Closed SigmaStar closed 2 years ago

SigmaStar commented 3 years ago

Description

repeat call to capa.main.main(argv=args) would cause memory leak, although gc.collect() would collect most rubbish but there are still 10MB RSS memory remain unclean every time so it would eventually take away all the physical memory.

Steps to Reproduce

just call capa.main many times

Expected behavior:

release all memory allocated to capa.main

Actual behavior:

RSS memory consuming increased a lot.

Versions

capa 2.0.0

Additional Information

Nope

williballenthin commented 3 years ago

thanks for reporting this @SigmaStar!

it will take a little bit of work to profile the memory usage and i think its a worthwhile effort. we'll update here with the results of our triage and potential fixes.

williballenthin commented 3 years ago

recently when running the capa tests locally they've been getting OOM killed. i wonder if this is related.

image

williballenthin commented 3 years ago

i'm unable to reproduce the memory leak, at least as recorded by tracemalloc:

image

this output is generated by the script here: https://github.com/fireeye/capa/blob/master/scripts/profile-memory.py it runs capa.main.main() repeatedly and then shows the memory usage right at the end of the program. the output indicates that running capa.main.main() once and ten times results in approximately the same memory usage.

@SigmaStar can you provide any additional detail that would help me triage this potential memory leak?

williballenthin commented 3 years ago

I suppose the profile runs above show the memory usage from a python perspective, while @SigmaStar records memory via OS/RSS numbers. if the memory is fragmented and cannot be returned to the OS then i suppose RSS might continue to grow? the outlook here would probably not be good, so lets find a way to (dis)prove this theory.

williballenthin commented 3 years ago

re-running tweaked script that displays RSS and VMS along the way. 100 iterations. will have results in a bit...

image

SigmaStar commented 3 years ago

Yes, of course.

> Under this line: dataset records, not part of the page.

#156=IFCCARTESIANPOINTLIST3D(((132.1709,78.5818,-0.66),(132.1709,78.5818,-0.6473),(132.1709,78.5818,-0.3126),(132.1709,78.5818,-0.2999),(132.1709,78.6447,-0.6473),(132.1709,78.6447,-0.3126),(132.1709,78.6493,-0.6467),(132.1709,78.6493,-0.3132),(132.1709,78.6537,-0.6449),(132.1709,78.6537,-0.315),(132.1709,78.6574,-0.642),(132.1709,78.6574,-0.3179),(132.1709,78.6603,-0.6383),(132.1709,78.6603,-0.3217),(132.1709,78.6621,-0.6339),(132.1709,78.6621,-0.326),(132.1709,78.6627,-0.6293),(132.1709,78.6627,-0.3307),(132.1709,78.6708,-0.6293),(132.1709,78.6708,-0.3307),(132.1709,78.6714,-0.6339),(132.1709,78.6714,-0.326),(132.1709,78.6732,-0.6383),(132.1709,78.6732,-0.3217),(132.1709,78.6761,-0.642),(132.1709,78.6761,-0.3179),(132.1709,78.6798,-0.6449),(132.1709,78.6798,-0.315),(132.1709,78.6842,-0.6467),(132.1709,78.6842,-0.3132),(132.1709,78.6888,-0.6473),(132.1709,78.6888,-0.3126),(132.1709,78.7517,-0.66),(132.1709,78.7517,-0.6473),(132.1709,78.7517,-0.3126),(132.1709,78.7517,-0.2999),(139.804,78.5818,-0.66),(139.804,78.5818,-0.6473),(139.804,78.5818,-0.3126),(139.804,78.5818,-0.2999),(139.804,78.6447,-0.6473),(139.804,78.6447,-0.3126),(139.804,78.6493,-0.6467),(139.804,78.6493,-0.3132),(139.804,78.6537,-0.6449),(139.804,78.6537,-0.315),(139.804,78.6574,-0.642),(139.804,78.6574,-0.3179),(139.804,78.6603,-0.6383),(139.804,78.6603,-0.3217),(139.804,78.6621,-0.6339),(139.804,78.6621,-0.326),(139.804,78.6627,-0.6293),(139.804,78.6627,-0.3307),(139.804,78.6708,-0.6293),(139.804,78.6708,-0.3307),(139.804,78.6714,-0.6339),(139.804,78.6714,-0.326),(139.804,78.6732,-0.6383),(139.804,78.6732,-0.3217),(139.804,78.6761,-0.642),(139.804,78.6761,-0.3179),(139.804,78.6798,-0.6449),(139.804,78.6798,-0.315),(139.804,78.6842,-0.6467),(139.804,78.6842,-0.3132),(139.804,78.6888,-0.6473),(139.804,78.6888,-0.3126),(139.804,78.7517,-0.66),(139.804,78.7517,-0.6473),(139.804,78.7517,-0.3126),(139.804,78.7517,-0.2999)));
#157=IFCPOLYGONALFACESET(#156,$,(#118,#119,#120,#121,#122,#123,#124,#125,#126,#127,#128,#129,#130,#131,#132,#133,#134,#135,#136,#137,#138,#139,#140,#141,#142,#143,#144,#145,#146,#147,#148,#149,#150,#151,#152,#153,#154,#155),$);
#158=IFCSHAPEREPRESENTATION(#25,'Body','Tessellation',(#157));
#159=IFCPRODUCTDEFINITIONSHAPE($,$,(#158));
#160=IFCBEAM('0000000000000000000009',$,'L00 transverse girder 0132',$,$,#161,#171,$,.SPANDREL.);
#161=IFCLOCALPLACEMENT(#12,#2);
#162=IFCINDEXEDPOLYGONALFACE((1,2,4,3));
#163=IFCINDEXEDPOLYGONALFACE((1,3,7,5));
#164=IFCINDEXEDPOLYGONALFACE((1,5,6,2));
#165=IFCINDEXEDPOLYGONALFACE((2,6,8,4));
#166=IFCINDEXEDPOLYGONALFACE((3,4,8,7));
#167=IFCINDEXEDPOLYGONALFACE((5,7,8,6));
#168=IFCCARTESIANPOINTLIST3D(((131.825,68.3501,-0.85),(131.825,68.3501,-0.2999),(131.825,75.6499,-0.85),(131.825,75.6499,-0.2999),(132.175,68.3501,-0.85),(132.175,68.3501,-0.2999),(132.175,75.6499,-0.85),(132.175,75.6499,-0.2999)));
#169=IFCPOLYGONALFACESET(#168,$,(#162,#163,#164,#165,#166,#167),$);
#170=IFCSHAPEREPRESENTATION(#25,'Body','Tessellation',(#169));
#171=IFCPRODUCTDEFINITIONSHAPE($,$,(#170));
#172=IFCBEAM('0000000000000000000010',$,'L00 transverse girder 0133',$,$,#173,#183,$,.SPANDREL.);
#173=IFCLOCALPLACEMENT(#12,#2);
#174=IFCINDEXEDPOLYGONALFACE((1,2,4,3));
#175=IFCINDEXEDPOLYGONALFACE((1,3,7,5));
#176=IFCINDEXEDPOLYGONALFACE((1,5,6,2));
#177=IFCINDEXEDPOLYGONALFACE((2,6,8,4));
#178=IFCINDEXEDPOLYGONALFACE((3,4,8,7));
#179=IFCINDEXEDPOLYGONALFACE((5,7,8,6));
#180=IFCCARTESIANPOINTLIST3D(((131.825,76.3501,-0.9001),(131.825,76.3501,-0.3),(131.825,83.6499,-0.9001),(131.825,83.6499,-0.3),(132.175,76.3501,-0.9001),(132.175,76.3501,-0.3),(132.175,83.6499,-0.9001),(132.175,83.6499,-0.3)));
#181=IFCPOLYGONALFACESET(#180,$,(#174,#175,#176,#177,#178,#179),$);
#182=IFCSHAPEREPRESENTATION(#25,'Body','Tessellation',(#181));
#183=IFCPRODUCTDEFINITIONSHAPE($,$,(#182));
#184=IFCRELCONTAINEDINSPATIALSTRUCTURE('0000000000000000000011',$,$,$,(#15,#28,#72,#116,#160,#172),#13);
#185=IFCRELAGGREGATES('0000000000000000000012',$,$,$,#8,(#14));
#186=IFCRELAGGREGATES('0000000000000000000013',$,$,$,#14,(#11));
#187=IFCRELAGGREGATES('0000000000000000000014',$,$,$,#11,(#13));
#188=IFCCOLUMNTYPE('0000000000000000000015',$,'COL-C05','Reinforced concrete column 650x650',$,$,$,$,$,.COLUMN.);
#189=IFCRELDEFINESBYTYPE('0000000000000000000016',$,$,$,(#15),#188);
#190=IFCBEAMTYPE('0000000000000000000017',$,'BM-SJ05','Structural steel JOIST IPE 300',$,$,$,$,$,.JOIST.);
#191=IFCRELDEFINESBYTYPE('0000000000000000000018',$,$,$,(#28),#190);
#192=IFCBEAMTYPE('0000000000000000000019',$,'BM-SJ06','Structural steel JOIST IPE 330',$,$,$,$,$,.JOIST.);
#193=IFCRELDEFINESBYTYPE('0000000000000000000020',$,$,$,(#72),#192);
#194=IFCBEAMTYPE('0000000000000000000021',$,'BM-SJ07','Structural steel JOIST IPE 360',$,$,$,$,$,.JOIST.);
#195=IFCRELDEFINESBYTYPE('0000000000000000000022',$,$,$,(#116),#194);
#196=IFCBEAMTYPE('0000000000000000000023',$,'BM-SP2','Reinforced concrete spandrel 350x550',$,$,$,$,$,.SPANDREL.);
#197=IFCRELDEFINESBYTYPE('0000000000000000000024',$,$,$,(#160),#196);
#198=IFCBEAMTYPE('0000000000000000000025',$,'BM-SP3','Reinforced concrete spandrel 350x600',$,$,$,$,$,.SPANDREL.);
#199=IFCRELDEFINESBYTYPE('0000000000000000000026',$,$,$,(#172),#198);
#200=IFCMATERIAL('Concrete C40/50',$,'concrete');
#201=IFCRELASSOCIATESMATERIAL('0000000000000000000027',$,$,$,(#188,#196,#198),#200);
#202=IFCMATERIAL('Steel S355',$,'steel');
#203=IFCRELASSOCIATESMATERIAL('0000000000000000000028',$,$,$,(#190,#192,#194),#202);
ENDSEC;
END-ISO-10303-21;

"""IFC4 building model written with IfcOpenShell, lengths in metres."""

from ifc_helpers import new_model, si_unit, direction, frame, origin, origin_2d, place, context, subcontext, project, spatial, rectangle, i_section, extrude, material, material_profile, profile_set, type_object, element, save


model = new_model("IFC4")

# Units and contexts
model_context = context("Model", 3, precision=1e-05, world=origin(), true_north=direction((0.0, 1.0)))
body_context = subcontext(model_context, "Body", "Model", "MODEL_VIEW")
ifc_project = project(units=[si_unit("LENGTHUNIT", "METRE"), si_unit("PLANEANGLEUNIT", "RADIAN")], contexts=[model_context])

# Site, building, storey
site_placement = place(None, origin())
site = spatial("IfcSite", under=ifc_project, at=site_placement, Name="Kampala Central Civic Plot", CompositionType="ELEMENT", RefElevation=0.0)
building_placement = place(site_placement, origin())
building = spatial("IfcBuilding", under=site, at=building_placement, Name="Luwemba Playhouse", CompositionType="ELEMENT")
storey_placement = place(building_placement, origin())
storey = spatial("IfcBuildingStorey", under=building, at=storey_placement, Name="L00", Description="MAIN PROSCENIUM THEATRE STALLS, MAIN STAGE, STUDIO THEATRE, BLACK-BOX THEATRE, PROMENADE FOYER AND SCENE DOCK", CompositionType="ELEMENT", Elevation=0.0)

I think maybe some rules or signatures lead to that memory leak. I test my code on both windows 10 1903 and ubuntu and on both platform it seems there is RSS memory increasing. We uses public rules (I think it can be cloned from github). Right now I use subprocess module in python instead of calling capa.main and force the operating system to recycle all the memory allocated. I notice that each time capa.main will use about 700 MB memory. So ten times of iteration will eventually take away at least 6 GB memory.

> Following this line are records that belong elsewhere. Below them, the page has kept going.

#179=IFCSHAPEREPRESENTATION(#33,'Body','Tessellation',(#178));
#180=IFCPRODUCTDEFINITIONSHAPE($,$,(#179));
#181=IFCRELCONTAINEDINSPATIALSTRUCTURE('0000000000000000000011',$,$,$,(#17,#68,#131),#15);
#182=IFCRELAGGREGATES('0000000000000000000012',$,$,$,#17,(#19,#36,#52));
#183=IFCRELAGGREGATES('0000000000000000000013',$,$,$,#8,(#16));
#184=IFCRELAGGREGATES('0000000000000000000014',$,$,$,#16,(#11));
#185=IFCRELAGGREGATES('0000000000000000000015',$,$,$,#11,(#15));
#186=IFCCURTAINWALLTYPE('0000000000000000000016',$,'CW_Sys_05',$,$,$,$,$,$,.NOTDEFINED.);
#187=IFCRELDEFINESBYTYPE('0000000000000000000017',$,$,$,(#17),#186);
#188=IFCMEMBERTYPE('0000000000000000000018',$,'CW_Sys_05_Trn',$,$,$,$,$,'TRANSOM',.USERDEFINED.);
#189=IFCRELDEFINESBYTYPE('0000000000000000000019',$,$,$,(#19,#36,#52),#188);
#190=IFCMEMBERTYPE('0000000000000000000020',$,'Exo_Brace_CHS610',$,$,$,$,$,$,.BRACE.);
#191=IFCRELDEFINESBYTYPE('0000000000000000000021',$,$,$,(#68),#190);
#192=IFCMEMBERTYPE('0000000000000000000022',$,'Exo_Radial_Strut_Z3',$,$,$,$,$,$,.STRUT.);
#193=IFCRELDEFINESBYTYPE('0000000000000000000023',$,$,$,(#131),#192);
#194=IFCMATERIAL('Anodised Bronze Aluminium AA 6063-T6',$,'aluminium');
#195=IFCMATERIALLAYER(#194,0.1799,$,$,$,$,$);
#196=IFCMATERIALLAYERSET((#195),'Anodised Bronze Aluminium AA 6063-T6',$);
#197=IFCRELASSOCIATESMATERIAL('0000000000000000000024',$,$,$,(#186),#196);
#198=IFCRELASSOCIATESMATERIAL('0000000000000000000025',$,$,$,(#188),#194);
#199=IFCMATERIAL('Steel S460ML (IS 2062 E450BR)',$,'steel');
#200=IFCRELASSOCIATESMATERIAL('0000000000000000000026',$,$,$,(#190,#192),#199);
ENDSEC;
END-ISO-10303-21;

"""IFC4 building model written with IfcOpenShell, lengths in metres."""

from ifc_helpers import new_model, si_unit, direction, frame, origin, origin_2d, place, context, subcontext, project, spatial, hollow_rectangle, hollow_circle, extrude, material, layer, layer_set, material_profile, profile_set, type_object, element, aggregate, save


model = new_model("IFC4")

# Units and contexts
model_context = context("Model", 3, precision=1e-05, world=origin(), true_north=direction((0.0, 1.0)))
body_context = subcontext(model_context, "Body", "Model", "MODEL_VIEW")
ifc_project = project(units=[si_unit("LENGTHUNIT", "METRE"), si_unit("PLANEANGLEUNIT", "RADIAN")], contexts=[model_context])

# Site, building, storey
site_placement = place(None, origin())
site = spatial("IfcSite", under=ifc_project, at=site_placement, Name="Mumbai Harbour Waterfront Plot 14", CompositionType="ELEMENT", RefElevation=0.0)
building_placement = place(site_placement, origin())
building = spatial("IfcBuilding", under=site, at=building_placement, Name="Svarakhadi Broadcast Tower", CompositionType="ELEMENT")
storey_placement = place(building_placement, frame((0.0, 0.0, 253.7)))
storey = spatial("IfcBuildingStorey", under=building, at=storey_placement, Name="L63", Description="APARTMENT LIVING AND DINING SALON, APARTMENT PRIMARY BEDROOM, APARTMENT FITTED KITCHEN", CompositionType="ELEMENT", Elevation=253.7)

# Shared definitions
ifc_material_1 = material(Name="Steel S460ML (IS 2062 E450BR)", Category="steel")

---Original--- From: "Willi @.> Date: Wed, Aug 25, 2021 07:08 AM To: @.>; Cc: @.**@.>; Subject: Re: [fireeye/capa] python version memory leak (#736)

i'm unable to reproduce the memory leak, at least as recorded by tracemalloc:

this output is generated by the script here: https://github.com/fireeye/capa/blob/master/scripts/profile-memory.py it runs capa.main.main() repeatedly and then shows the memory usage right at the end of the program. the output indicates that running capa.main.main() once and ten times results in approximately the same memory usage.

@SigmaStar can you provide any additional detail that would help me triage this potential memory leak?

— You are receiving this because you were mentioned. Reply to this email directly, view it on GitHub, or unsubscribe. Triage notifications on the go with GitHub Mobile for iOS or Android.

SigmaStar commented 3 years ago

It's odd. On my laptop it's i7-10875H cpu at frequency 4.5GHz. I specified the rules directory and each iteration costs approximately 5 min! So I think it must be some rules that causes capa failed to recycle memory allocated.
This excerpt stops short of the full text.